Operating Activities. Net cash provided by operating activities increased by $35.9 million during the first six months of 2005. The increase was primarily a result of higher commodity prices realized during the current six-month period. In addition to fluctuations in operating assets and liabilities that are caused by timing of cash receipts and disbursements, commodity prices, production volume and operating expenses are the key factors driving changes in operating cash flows.
Investing Activities. Total capital expenditures during the first six months of 2005 were $278.9 million. We invested $278.4 million in natural gas and oil properties, which included $31.6 million for producing property acquisitions, and we spent $0.5 million for non-oil and gas property and equipment. Non-oil and gas property and equipment includes expenditures to upgrade our information technology systems and office equipment and compares to $0.7 million spent during the first six months of 2004. For the first six months of 2005, we spent 38% offshore and 57% onshore with the balance of 5% on capitalized interest and general and administrative costs. We completed the drilling of 159 gross wells (136.2 net), of which 82%, or 130 (109.7 net), were successful and 18%, or 29 (26.5 net), were unsuccessful, with an additional 12 wells (8.1 net) in progress at June 30, 2005. During the corresponding six months of 2004, we drilled 99 gross wells (81.4 net) of which 85% or 84 (69.2 net) were successful, with an additional 9 wells (7.1 net) in progress at June 30, 2004. The following table provides a summary of our capital expenditures for natural gas and oil properties during the three-month and six-month periods ended June 30, 2005 and 2004.
                                 
    Three Months Ended June 30,     Six Months Ended June 30,  
    2005     2004     2005     2004  
            (in thousands)          
Producing property acquisitions
  $ 9,017     $     $ 31,632     $ 2,700  
Leasehold and lease acquisition costs (1)

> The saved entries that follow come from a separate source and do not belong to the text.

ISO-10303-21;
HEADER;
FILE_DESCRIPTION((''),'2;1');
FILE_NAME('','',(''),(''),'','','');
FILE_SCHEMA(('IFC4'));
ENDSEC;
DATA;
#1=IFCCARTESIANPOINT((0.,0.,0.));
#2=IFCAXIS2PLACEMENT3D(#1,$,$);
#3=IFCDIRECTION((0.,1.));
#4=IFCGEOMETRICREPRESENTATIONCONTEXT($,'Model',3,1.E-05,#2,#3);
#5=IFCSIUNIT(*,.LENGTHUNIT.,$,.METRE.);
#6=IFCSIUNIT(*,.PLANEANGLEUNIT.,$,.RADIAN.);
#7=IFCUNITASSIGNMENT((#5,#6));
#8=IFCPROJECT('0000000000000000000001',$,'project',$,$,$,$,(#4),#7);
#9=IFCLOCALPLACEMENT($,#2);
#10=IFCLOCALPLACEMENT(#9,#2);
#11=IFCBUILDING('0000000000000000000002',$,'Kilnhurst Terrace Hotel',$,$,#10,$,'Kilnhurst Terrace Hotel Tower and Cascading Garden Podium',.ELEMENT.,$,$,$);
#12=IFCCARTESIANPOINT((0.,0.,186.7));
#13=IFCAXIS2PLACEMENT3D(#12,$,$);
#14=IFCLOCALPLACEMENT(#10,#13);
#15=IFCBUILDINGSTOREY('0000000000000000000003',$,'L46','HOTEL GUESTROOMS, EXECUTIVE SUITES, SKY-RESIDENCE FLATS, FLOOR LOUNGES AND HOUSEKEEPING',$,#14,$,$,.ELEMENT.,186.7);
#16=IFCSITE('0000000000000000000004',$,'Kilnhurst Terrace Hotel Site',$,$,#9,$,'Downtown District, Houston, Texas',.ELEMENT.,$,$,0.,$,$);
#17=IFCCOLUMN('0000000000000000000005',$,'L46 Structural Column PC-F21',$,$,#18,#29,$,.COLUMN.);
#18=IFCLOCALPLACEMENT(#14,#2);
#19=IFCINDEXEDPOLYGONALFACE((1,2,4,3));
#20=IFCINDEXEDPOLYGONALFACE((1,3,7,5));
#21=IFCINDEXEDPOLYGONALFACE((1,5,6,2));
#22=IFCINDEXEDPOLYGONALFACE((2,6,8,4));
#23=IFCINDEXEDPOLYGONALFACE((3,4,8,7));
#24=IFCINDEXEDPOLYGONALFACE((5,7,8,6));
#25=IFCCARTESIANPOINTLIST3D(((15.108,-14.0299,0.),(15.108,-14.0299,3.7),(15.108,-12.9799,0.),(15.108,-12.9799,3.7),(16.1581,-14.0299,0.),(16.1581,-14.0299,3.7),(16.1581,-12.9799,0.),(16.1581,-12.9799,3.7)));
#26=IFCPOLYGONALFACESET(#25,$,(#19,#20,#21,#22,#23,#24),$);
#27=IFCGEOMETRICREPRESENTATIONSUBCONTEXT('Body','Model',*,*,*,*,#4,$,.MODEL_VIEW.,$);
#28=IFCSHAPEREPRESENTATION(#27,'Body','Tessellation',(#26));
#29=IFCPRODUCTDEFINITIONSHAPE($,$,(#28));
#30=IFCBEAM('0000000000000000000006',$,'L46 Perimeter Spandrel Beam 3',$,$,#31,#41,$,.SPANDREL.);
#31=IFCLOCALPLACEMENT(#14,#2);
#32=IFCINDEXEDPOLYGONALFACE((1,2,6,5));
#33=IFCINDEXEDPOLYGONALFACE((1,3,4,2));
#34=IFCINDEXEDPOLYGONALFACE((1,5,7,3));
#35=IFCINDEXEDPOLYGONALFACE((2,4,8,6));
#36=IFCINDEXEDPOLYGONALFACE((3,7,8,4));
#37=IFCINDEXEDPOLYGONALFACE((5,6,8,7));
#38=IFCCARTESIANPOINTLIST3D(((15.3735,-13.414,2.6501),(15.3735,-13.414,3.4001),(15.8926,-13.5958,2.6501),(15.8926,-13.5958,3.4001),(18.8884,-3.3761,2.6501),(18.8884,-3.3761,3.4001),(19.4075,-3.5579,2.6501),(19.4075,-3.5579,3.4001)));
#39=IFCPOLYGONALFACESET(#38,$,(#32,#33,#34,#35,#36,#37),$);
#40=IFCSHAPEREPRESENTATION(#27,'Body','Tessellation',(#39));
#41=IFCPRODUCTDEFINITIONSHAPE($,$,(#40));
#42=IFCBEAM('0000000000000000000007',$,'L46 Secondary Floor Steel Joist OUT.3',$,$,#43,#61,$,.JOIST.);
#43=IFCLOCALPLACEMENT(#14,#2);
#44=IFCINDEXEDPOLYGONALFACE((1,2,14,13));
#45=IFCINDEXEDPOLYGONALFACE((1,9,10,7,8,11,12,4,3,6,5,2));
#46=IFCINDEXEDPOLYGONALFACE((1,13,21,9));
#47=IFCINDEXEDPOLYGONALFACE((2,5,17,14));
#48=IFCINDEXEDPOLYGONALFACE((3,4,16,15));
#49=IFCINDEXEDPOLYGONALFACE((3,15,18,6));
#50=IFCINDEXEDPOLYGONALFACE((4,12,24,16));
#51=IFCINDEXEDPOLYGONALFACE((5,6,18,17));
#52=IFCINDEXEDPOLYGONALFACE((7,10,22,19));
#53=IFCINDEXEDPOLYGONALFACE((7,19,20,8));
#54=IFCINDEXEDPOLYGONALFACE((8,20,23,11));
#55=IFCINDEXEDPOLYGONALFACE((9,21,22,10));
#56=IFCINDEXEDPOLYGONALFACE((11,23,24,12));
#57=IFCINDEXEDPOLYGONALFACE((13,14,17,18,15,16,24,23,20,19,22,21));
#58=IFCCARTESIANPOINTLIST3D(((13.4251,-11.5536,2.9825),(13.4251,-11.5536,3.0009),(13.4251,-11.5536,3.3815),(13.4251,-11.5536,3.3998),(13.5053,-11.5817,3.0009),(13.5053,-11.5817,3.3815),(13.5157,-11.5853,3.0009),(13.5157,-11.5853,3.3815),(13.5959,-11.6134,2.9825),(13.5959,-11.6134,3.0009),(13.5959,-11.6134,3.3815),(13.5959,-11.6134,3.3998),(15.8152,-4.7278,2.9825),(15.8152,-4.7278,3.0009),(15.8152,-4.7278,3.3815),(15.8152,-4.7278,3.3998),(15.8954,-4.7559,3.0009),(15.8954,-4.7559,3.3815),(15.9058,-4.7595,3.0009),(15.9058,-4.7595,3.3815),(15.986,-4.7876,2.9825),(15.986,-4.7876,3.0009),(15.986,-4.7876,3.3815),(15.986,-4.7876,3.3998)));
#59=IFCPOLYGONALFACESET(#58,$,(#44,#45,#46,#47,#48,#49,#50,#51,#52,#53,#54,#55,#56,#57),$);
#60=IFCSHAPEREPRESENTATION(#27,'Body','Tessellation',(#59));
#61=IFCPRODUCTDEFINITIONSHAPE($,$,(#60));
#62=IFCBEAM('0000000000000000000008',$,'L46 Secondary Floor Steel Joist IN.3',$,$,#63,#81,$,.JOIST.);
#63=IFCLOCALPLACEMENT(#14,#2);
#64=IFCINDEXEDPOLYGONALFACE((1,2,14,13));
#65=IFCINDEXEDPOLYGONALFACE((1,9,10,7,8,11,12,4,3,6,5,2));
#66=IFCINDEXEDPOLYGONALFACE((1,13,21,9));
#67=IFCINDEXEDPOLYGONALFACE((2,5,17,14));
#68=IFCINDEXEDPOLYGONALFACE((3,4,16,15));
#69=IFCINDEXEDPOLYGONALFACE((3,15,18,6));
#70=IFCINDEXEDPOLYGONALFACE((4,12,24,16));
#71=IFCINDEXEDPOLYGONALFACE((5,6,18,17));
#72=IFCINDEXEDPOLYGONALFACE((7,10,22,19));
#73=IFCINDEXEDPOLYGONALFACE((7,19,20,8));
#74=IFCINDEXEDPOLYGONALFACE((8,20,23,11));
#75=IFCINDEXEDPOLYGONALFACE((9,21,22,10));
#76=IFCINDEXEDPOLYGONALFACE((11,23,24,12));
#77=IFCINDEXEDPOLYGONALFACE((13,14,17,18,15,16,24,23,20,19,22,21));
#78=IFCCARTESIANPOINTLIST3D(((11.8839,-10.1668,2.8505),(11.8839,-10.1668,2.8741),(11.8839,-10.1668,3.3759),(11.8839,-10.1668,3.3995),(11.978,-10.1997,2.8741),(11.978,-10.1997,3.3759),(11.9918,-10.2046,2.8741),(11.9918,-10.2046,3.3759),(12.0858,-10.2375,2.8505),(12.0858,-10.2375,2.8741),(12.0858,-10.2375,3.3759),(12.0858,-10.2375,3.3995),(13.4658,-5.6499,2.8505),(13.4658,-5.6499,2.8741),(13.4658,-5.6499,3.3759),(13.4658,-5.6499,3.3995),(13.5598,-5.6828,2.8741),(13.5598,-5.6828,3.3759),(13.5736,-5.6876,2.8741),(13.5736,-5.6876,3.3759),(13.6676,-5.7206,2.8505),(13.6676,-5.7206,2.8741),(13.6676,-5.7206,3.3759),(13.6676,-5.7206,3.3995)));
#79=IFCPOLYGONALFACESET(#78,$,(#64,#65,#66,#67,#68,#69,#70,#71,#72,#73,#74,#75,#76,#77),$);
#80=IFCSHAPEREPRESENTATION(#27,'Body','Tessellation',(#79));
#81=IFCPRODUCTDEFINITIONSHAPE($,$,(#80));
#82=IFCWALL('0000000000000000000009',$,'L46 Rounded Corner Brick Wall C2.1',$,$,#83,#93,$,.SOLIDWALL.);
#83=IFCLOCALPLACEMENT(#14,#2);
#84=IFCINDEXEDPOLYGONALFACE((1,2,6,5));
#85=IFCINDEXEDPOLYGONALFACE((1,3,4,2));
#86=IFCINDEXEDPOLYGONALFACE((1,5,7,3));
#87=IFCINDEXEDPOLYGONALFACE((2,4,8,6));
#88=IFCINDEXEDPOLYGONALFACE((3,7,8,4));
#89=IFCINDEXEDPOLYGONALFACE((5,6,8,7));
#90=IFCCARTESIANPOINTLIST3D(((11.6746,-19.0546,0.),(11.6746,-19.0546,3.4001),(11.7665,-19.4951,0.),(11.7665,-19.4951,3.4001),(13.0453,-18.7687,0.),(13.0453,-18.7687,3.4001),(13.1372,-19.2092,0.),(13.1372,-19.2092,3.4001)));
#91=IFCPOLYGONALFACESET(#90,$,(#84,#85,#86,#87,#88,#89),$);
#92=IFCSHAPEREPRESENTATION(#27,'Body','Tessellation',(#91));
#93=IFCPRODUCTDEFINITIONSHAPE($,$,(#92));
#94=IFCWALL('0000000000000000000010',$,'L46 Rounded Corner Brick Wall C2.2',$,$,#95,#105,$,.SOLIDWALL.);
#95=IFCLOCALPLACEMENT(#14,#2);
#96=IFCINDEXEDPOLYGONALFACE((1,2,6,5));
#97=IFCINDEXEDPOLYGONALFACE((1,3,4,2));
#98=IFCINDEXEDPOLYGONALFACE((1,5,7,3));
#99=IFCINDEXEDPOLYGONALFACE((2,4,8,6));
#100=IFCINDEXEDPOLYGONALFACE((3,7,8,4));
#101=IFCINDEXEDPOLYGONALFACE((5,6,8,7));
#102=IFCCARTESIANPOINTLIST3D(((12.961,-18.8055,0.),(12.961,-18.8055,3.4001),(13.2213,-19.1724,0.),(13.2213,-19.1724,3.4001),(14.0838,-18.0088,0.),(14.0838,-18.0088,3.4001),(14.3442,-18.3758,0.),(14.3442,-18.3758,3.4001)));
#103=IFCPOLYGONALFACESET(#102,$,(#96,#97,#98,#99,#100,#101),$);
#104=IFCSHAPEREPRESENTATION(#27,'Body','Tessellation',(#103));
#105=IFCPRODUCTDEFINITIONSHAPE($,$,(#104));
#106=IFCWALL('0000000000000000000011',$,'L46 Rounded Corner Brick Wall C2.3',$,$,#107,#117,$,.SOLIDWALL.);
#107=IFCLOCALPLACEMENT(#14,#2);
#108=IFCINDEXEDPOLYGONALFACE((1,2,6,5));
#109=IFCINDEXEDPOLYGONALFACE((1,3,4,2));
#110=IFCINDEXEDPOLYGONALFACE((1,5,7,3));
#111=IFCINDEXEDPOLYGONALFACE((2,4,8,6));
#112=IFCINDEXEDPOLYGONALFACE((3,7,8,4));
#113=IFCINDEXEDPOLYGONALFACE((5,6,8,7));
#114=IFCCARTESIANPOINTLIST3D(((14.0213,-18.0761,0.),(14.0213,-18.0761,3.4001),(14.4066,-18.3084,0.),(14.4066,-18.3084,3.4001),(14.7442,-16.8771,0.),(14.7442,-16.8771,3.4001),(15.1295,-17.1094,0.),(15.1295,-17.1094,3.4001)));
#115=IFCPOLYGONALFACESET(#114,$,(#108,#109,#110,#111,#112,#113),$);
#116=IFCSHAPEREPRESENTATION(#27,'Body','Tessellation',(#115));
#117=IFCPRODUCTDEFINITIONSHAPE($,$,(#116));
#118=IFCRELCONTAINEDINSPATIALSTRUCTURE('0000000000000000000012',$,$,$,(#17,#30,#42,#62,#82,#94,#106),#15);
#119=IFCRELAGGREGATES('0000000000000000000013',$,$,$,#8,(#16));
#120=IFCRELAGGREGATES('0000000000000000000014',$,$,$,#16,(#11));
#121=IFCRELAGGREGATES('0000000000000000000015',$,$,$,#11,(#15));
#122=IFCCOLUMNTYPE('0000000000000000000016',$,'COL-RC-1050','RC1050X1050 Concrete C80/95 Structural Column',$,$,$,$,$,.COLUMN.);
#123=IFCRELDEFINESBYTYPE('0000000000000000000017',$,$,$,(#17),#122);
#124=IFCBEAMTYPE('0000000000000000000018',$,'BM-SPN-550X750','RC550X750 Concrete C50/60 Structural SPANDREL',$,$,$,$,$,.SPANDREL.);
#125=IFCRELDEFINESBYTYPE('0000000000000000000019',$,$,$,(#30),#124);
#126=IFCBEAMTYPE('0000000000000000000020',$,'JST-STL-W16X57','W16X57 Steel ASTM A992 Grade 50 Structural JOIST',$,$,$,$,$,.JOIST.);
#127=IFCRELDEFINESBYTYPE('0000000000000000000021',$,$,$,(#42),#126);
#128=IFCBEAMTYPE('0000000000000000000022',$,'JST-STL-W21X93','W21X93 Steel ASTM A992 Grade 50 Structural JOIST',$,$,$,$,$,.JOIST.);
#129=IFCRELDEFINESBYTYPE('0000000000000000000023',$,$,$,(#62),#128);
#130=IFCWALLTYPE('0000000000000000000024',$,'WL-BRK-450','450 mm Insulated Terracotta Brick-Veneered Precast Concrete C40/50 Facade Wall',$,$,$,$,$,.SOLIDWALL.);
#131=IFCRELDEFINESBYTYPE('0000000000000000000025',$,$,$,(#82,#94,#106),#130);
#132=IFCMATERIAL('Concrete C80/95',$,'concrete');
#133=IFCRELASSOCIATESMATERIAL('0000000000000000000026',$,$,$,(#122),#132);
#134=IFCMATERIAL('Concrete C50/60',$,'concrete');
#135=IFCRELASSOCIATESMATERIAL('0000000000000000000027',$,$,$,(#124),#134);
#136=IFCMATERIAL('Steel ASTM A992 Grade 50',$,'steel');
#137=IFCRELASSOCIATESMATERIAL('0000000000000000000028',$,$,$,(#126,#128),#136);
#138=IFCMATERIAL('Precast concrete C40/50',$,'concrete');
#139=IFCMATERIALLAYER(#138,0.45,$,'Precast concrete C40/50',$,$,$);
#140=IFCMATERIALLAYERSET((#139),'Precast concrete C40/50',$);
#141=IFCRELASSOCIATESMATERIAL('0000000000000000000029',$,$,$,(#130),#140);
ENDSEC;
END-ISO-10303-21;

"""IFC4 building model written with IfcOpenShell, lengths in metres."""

from ifc_helpers import new_model, si_unit, direction, frame, frame_2d, origin, origin_2d, place, context, subcontext, project, spatial, rectangle, i_section, extrude, material, layer, layer_set, material_profile, profile_set, type_object, element, save


model = new_model("IFC4")

# Units and contexts
model_context = context("Model", 3, precision=1e-05, world=origin(), true_north=direction((0.0, 1.0)))
body_context = subcontext(model_context, "Body", "Model", "MODEL_VIEW")
ifc_project = project(units=[si_unit("LENGTHUNIT", "METRE"), si_unit("PLANEANGLEUNIT", "RADIAN")], contexts=[model_context])

# Site, building, storey
site_placement = place(None, origin())
site = spatial("IfcSite", under=ifc_project, at=site_placement, Name="Kilnhurst Terrace Hotel Site", LongName="Downtown District, Houston, Texas", CompositionType="ELEMENT", RefElevation=0.0)
building_placement = place(site_placement, origin())
building = spatial("IfcBuilding", under=site, at=building_placement, Name="Kilnhurst Terrace Hotel", LongName="Kilnhurst Terrace Hotel Tower and Cascading Garden Podium", CompositionType="ELEMENT")
storey_placement = place(building_placement, frame((0.0, 0.0, 186.7)))
storey = spatial("IfcBuildingStorey", under=building, at=storey_placement, Name="L46", Description="HOTEL GUESTROOMS, EXECUTIVE SUITES, SKY-RESIDENCE FLATS, FLOOR LOUNGES AND HOUSEKEEPING", CompositionType="ELEMENT", Elevation=186.7)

    10,338       13,006       35,574       26,640  
Development
    74,981       58,600       147,403       116,696  
Exploration
    37,739       8,491       63,778       18,699  
 
                       
Total natural gas and oil capital expenditures
    132,075       80,097       278,387       164,735  
Producing property dispositions (2)
          (59,429 )     (150 )     (72,567 )
 
                       
Net natural gas and oil capital expenditures
  $ 132,075     $ 20,668     $ 278,238     $ 92,168  
 
                       
 
(1)   Leasehold and lease acquisition costs include capitalized interest and general and administrative expenses of $6.2 million and $5.7 million, respectively, for the three months ended June 30, 2005 and 2004 and $12.5 million and $11.8 million, respectively, for the six months ended June 30, 2005 and 2004.
 
(2)   Producing property dispositions during 2004 include $13.1 million associated with the divestment of our South Louisiana operations in February 2004 and $59.4 million associated with the divestment of our Appalachian Basin properties as part of the asset exchange transaction with KeySpan in June 2004.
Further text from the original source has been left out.